María no opuso más resistencia. En el fondo, la idea de esta sustitución la halagaba, y en
Bouville sólo veía buenas intenciones. Sentía placer en vestir de rey a su hijo, en rodearlo de seda, en ponerle el pequeño manto azul sembrado de flores de lis doradas y el bonete en el que habían cosido una minúscula corona, prendas todas del ajuar preparado antes del nacimiento.
-¡Qué hermoso va a estar mi Juanito! -decía María-. ¡Una corona, Señor! Tendrás que
volverla a tu rey, ¿sabes?, tendrás que devolvérsela.
Movía a su hijo como si fuera un muñeco ante la cuna de Juan I.

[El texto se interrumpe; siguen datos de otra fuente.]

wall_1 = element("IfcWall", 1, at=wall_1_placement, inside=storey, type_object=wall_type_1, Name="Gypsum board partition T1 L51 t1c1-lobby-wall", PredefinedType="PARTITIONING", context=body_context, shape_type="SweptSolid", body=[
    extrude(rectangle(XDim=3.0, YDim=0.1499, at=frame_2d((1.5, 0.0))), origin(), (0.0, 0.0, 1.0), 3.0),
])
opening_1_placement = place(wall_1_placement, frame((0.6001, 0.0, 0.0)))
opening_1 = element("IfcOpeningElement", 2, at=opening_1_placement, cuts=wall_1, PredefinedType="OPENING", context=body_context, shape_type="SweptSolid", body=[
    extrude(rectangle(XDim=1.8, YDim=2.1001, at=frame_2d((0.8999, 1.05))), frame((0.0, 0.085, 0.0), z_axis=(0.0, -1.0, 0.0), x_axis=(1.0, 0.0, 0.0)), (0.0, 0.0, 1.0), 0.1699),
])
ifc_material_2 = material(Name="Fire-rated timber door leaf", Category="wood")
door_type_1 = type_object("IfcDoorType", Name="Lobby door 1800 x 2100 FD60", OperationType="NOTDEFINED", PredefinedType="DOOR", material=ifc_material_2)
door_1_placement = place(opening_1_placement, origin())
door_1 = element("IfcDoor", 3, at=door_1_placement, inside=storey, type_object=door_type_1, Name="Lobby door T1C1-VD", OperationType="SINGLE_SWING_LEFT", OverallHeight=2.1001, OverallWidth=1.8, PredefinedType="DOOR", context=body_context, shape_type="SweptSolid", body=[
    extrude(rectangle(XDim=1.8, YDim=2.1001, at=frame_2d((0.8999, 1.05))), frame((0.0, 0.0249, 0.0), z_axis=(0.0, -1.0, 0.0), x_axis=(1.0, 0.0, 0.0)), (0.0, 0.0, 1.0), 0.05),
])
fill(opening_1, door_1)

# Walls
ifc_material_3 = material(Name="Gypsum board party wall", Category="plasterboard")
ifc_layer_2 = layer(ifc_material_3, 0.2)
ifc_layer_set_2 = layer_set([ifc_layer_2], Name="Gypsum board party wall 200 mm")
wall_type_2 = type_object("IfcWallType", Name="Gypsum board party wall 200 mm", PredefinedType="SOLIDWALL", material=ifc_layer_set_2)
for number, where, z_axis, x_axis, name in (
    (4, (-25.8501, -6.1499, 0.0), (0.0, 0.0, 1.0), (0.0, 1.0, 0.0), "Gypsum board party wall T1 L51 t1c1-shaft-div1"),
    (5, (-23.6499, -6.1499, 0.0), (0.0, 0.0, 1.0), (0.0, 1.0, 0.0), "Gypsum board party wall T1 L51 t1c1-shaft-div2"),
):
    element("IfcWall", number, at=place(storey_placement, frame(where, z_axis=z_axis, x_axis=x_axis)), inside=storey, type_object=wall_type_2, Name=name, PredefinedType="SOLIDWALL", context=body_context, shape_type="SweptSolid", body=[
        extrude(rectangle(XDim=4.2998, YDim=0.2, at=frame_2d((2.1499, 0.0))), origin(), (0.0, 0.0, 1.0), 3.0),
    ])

-Ved, sire, ved a vuestro hermano de leche, a vuestro pequeño servidor que va a ocupar
vuestro lugar para que no os resfriéis.
Y pensaba: «Cuando le cuente a Guccio todo esto... cuando le diga que su hijo es hermano
de leche del rey, y que ha sido presentado a los barones... ¡ Qué extraña es nuestra vida, pero yo no la cambiaría por ninguna otra! ¡ Qué bien hice de enamorarme de él, de mi lombardo!»
Su alegría se vio truncada por un largo gemido llegado de la habitación contigua.
«Dios mío, la reina... -pensó María-. Me olvidaba de la reina...»
Entró un escudero a anunciar la llegada del regente y de los barones. La señora de Bouville tomó al hijo de María en los brazos.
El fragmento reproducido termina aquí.